I am trying to produce a Simple report with children. I have used a list:
child_list = []
for child in sa.children(person):
if child not in child_list:
child_list.append(child)
# then later something like
for child in sa.children(family):
if child not in child_list:
child_list.append(child)
This does not produce duplicate children in the child_list
However, if I use a set:
children = set(sdb.children(person))
if additional_parents:
for spouse in additional_parents:
for family in sdb.parent_in(spouse):
children.update(sdb.children(family))
It does produce duplicates.
I can’t find anywhere that discusses this, but is it because Person defines eq
def __eq__(self, other):
return isinstance(other, Person) and self.handle == other.handle
So is update set testing the hash first (see test for equality), and “in list” using the defined equality operation.

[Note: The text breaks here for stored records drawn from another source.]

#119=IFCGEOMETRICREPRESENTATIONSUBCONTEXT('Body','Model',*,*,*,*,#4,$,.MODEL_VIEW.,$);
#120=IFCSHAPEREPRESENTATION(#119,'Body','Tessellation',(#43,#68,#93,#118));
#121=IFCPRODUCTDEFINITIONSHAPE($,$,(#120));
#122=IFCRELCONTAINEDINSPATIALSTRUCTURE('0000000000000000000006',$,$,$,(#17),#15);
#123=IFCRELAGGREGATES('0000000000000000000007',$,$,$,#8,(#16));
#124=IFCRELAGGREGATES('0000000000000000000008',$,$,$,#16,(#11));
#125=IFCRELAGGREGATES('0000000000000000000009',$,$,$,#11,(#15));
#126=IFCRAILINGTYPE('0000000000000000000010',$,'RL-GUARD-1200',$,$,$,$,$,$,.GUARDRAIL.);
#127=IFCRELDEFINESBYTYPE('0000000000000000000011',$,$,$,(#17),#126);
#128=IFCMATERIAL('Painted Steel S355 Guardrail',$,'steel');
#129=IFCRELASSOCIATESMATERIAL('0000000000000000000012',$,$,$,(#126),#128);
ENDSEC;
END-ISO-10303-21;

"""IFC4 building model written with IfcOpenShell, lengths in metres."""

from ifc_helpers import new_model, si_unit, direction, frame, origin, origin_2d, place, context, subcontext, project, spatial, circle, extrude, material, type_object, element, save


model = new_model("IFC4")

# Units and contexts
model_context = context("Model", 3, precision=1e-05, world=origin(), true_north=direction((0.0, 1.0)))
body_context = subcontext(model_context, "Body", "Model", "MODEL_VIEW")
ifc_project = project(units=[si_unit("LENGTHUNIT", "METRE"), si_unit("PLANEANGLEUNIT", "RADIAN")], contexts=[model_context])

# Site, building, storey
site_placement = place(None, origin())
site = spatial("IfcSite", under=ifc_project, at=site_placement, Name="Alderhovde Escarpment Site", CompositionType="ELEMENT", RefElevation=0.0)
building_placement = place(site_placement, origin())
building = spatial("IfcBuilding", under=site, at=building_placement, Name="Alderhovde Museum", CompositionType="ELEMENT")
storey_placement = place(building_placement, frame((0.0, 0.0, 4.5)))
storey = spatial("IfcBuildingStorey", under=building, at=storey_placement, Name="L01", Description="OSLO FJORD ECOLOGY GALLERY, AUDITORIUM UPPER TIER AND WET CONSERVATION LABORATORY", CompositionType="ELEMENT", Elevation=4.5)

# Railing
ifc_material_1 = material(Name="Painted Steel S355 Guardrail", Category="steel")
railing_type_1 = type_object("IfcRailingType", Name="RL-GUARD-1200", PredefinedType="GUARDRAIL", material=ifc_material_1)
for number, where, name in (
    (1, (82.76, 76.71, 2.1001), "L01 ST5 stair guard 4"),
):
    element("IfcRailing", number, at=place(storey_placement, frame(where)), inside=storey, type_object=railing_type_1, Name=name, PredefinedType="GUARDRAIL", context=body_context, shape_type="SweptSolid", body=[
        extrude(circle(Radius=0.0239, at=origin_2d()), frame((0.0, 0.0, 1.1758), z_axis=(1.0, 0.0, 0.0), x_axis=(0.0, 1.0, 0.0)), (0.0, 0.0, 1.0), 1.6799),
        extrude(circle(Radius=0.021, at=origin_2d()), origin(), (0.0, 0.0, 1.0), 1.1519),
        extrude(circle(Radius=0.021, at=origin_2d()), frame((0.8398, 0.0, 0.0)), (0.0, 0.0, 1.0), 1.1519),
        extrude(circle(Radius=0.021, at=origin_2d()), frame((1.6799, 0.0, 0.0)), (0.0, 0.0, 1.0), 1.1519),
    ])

I am more interested in understanding what is going on than in getting a fix, but if this is correct, should Person define __hash__ compatibly with __eq__?
# Create a class:
class Obj():
def __hash__(self):
print("hash!")
return 42
def __eq__(self, other):
print("eq!")
return True
# Create an instance:
o = Obj()
# Create a set:
s = set([o, o])
o in s
# prints "hash!"
# Create a list:
l = list[o, o, o]
o in l
# prints "eq!"
You can also look up the details in the documentation, or even ask a chatbot. It looks like it is a bit more complicated for inserts of larger collections of sets:
In summary:
* object in list: Primarily uses == for comparison, iterating through elements.

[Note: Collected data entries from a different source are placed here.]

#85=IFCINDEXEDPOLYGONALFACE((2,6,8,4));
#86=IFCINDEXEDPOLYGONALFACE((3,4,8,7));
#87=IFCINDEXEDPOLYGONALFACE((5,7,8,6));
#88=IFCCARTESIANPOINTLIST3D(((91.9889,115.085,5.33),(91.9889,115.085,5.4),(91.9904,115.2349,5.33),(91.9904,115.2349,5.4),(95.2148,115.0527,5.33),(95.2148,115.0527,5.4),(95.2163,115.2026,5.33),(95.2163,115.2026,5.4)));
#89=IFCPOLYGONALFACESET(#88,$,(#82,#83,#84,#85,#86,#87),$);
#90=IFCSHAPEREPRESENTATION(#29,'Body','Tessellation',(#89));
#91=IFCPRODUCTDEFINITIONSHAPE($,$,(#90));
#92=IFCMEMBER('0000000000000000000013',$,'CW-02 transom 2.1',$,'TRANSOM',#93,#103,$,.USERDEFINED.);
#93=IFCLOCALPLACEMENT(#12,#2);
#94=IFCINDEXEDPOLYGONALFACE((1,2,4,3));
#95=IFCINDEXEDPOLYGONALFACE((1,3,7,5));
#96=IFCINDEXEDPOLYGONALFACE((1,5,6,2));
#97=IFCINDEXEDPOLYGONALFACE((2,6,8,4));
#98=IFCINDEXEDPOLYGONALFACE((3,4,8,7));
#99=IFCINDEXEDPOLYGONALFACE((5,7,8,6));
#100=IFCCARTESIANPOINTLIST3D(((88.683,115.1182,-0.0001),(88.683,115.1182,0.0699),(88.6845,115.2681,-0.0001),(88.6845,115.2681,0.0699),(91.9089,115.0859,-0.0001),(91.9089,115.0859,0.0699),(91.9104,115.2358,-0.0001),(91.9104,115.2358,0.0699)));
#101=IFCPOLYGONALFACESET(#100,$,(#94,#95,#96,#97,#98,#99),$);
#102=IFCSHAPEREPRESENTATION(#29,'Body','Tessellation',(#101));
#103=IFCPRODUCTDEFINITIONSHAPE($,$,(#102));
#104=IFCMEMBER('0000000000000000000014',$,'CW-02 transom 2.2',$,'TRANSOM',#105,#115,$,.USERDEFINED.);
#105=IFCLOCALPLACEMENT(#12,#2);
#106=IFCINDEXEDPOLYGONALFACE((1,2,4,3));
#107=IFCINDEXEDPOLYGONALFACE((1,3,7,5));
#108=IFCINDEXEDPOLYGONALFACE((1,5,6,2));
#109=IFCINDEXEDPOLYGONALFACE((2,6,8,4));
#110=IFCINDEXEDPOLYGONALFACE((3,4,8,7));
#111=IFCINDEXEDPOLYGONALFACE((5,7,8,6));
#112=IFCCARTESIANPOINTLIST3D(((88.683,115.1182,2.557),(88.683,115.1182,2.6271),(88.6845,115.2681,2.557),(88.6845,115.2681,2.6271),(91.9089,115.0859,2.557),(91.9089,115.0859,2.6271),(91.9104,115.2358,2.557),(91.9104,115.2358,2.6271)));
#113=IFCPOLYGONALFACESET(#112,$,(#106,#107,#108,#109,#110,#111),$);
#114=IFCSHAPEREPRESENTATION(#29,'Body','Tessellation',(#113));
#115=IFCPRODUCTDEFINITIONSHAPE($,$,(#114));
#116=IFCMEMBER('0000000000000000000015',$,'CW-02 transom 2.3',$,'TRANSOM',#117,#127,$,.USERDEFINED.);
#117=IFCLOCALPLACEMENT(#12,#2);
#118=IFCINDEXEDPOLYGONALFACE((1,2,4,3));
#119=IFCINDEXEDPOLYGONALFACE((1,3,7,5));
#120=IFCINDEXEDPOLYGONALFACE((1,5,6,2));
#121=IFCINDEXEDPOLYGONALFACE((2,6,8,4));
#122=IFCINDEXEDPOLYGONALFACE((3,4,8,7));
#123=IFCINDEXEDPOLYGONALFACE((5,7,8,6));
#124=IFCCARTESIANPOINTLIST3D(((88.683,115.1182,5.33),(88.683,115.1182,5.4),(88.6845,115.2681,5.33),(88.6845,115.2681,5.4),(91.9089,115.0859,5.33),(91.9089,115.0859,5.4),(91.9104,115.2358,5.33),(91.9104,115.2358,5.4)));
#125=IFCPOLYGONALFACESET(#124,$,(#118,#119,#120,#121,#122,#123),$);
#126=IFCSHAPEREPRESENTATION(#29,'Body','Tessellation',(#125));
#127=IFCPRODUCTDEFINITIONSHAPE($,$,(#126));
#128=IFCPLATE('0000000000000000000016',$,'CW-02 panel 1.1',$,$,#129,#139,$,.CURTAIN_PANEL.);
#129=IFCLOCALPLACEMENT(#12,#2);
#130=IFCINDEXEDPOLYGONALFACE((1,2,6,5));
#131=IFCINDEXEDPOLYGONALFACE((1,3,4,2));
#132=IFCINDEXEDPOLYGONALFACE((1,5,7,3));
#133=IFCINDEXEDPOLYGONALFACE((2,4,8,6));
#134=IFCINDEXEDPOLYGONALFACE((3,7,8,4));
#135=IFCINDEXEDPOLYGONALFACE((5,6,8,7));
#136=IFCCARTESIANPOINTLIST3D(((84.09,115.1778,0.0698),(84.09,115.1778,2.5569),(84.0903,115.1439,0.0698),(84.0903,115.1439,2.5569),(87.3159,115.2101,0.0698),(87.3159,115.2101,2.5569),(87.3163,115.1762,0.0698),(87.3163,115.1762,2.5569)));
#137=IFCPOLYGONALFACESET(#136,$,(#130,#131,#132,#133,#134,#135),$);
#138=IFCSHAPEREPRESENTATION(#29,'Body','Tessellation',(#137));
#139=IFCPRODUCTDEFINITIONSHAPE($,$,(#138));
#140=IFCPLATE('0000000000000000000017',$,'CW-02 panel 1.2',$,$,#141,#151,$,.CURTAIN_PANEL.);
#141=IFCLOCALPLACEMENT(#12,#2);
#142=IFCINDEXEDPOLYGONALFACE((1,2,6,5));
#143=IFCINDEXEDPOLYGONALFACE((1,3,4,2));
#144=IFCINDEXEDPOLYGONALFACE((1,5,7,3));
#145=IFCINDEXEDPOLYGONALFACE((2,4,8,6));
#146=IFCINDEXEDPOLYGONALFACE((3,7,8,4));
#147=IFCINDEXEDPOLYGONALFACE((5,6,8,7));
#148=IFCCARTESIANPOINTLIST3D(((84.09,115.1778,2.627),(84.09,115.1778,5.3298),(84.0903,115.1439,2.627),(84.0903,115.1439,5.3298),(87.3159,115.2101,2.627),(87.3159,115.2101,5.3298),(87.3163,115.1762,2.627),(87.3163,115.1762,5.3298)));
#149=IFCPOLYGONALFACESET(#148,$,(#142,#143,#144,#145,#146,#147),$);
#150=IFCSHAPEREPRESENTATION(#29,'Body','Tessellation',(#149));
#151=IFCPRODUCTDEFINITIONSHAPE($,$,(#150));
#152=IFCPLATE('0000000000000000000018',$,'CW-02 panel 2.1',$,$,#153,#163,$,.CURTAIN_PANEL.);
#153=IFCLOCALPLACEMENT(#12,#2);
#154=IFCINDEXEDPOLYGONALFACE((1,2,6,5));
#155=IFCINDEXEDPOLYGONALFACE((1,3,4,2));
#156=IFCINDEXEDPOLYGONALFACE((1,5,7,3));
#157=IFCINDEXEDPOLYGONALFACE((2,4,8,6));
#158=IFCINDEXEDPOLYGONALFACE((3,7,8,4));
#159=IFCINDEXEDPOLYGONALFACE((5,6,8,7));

* object in set: Primarily uses hash() for quick lookup, and then == for collision resolution.
You are correct that if Gramps properly implements both __hash__ and __eq__ then we should cover all bases.

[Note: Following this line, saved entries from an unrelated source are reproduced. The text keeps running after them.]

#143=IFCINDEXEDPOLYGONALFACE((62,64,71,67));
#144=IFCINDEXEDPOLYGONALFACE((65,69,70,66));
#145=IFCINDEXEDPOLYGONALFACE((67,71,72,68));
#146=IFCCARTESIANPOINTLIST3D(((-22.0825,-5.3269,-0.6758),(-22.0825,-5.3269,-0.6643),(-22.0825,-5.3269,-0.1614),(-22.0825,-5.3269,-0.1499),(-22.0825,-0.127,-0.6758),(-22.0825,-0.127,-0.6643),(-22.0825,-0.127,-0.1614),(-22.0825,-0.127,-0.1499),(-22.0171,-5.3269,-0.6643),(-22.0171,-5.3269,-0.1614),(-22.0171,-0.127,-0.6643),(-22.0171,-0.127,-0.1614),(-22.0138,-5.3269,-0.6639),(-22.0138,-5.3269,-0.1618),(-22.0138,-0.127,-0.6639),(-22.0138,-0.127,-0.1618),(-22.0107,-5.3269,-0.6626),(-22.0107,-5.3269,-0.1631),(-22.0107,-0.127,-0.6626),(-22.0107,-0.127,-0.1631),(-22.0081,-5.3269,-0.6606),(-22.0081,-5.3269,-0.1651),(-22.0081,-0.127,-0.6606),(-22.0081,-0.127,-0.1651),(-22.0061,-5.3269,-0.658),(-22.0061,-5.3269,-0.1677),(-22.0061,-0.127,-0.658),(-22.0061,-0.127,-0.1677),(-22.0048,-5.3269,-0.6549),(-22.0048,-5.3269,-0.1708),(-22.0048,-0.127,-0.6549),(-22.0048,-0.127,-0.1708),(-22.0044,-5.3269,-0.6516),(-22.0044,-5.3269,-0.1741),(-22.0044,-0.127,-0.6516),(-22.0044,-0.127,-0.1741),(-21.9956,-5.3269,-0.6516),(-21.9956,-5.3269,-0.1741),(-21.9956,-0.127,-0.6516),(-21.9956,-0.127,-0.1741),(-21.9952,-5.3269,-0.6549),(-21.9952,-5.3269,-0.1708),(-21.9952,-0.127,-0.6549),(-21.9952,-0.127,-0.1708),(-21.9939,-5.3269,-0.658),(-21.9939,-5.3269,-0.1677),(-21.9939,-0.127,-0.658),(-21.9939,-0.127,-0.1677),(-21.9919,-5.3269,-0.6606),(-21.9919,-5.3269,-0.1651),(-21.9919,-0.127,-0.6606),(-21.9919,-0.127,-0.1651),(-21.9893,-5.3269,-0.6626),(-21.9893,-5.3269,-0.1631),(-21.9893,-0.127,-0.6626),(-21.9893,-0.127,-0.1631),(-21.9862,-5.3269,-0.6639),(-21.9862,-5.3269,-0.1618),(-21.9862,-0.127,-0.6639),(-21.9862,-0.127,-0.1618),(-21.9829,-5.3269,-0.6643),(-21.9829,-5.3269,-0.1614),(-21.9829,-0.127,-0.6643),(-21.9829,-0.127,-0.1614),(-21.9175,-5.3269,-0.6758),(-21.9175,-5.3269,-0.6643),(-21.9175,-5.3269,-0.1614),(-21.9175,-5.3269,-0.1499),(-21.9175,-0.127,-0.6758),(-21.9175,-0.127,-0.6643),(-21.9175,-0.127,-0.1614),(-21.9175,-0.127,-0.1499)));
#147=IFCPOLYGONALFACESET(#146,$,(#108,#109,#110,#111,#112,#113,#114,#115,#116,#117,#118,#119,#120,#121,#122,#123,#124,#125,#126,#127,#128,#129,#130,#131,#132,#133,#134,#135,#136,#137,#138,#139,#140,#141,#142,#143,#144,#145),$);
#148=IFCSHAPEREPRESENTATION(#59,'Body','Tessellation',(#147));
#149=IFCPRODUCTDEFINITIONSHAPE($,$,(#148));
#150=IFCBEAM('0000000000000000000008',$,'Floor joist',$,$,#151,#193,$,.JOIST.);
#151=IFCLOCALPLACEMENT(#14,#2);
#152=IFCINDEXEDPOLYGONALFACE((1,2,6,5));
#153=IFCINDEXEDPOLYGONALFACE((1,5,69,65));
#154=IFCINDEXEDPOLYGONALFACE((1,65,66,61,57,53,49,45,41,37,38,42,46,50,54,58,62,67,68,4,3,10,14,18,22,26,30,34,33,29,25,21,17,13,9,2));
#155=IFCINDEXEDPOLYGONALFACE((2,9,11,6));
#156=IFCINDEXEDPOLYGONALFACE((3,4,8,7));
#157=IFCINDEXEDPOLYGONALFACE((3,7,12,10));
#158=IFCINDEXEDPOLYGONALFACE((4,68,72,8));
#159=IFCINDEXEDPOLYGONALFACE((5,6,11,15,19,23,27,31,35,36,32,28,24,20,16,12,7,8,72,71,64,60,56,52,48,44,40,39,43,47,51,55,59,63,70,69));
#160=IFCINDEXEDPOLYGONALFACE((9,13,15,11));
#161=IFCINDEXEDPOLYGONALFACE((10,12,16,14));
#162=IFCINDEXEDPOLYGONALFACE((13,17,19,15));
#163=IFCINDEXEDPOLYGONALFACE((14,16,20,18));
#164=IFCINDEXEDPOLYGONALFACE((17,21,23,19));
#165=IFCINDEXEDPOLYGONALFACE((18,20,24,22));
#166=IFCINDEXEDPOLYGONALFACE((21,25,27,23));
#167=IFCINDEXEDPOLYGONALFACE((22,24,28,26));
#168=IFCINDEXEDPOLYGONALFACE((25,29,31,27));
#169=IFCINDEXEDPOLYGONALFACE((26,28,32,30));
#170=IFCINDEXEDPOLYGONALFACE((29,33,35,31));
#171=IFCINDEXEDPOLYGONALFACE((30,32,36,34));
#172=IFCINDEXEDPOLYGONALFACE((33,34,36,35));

If a class defines mutable objects and implements an __eq__() method, it should not implement __hash__() , since the implementation of hashable collections requires that a key’s hash value is immutable (if the object’s hash value changes, it will be in the wrong hash bucket).
Person is mutable, so __eq__ should be defined (which it is), and __hash__ should not (it isn’t).
The documentation says:
For container types such as list, tuple, set, frozenset, dict, or collections.deque, the expression x in y is equivalent to any(x is e or x == e for e in y) .
It doesn’t say that object in set can use hash() for quick lookup, which it evidently is doing. I think it should say so (if that is indeed what it is doing).